The conference was held in the city of Luanda in 1622. Nzingha, though not yet Queen, was the most ablest and uncompromising member of the royal delegate sent to represent the King. Despite the alleged purpose of the conference, to negotiate peace, the racist attitudes of the Portuguese were in full display. The governor only provided chairs in the conference room for himself and his councilors, in an attempt to force the future Queen to stand humbly before his presence. Nzingha and her people were unfazed by the governor’s arrogance. Her attendants promptly rolled out the royal carpet for Nzingha, and then one of them went down on all fours and formed himself into a human throne for her to sit on.

It was a move that spoke volumes not only about the fierce, and unbreakable spirit that she possessed, but also about the tremendous respect and devotion that her people had for her.

In 1623, after the death of her brother, Nzingha became the Queen of Ndongo.

The Portuguese had not respected the peace treaty signed at Luanda the year before, as they had continued their slave trading operations in Ndongo. Her first major move as Queen was to deliver an ultimatum to the Portuguese, demanding that they respect the terms of the treaty or else war would be declared. The Portuguese ignored her warning and so in that same year Nzingha went to war with them and commandeered a series of devastating strikes, defeating them in many battles.

Nzingha was an incredibly strong and charismatic woman. She was dearly loved by the people of Ndongo, able to rally masses of them to listen to her messages. A brave general, she was known to personally lead her troops into battle, and she forbade her subjects to call her “Queen” preferring the masculine title of King. Yet her aggressive traits were balanced by her charming and engaging personality, which she used to her own advantages when forming alliances with other kingdoms.

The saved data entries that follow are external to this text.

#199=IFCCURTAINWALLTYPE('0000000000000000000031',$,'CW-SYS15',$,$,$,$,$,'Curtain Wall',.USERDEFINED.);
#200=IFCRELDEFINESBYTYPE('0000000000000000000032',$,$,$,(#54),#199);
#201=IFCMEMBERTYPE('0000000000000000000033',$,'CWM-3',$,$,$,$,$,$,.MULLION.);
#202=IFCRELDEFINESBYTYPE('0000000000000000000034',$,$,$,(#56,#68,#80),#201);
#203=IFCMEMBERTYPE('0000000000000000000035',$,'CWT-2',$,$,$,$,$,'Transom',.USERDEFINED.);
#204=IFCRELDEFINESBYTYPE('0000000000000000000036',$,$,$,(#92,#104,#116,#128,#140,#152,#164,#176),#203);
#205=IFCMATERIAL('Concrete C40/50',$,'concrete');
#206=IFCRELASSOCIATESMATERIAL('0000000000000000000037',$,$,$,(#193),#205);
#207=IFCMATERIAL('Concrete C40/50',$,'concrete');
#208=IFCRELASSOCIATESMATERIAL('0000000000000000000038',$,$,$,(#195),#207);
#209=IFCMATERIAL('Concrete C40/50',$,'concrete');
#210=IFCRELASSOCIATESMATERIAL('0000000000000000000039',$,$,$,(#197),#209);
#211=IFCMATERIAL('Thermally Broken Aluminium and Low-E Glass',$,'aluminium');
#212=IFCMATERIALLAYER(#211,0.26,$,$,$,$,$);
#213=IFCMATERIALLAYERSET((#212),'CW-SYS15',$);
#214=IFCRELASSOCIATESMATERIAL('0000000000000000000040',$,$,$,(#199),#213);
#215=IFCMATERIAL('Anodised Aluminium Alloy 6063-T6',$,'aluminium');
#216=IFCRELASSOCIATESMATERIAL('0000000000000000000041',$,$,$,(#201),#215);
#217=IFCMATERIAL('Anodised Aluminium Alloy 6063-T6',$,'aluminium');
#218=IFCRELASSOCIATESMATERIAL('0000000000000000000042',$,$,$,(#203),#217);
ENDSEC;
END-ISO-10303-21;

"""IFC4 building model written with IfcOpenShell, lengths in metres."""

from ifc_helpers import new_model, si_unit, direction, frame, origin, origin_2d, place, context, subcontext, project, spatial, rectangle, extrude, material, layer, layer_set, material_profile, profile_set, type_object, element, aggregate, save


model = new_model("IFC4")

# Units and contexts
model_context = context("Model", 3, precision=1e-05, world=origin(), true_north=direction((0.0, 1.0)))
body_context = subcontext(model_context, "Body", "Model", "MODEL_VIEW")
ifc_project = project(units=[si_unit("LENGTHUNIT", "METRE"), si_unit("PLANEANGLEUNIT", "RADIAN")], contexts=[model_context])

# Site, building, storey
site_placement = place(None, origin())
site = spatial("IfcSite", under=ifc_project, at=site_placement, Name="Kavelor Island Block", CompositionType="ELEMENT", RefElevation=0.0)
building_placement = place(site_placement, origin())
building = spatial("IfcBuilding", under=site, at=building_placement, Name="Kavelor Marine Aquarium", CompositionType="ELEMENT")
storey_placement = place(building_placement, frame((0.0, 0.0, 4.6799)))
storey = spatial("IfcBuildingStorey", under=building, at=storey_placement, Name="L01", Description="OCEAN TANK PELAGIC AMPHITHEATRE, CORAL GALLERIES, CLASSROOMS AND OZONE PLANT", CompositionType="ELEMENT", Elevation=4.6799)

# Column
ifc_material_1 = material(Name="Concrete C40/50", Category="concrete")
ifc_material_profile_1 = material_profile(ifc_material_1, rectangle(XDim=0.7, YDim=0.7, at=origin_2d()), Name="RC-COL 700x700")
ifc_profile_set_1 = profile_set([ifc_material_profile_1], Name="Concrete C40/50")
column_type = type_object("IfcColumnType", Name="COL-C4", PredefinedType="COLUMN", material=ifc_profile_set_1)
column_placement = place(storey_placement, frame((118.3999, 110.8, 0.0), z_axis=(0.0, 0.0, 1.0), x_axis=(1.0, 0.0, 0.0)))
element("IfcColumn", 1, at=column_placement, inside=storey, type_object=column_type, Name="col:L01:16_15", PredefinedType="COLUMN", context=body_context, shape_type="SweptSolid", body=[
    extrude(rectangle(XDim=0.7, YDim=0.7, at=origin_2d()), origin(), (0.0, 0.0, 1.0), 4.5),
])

So clever was the Queen that she was able to take advantage of the Dutch arrival in Angola and form an alliance with them against the Portuguese. Certainly, the Dutch were not there as liberators of the Africans, they were merely competing against Portugal for a greater share of the slave trade. Still, Nzingha was wise enough to side with the foreigners to suit her own needs, a tactic she would use later on in her life by pretending to adopt Christianity.

One of Nzingha’s greatest acts as Queen occurred in 1624 when she declared all territory over which she had control to be Free Country. All slaves and reaching it from any region were forever free. This was to have a monumental impact, as thousands of slaves deserted Portuguese held areas to head for Nzingha’s land, strengthening her armies in the process.

Nzingha was perhaps the first Black Nationalist. By opening her territory to anyone escaping slavery, she transcended all the various ethnic and cultural differences of the people in the Angolan region. She saw that the common enemy was the Portuguese, who had been the masterminds of the slave trade and its devastating effect on her people for over one hundred years. Nzingha was well aware that the Portuguese used Black soldiers to fight their wars for them, and so she undertook a carefully organized attempt to infiltrate and destroy this use of Black soldiers by Europeans. She had several groups of her men wander back into Portuguese territory, and enlist in military service. Once her agents were established, they were able to convert whole companies of men to rebel against the Portuguese and join the cause of the Queen, taking with them the much needed guns and ammunition.

The Portuguese were outraged at this seemingly unbeatable Black Queen who constantly thwarted their efforts to conquer all of Angola. Their tactics of divide and conquer were ineffective against her because there was so much patriotism and fanatical devotion towards her. They even tried to discredit Nzingha by formally declaring that she was the illegitimate ruler of Angola, and by “appointing” their own ruler King Phillip.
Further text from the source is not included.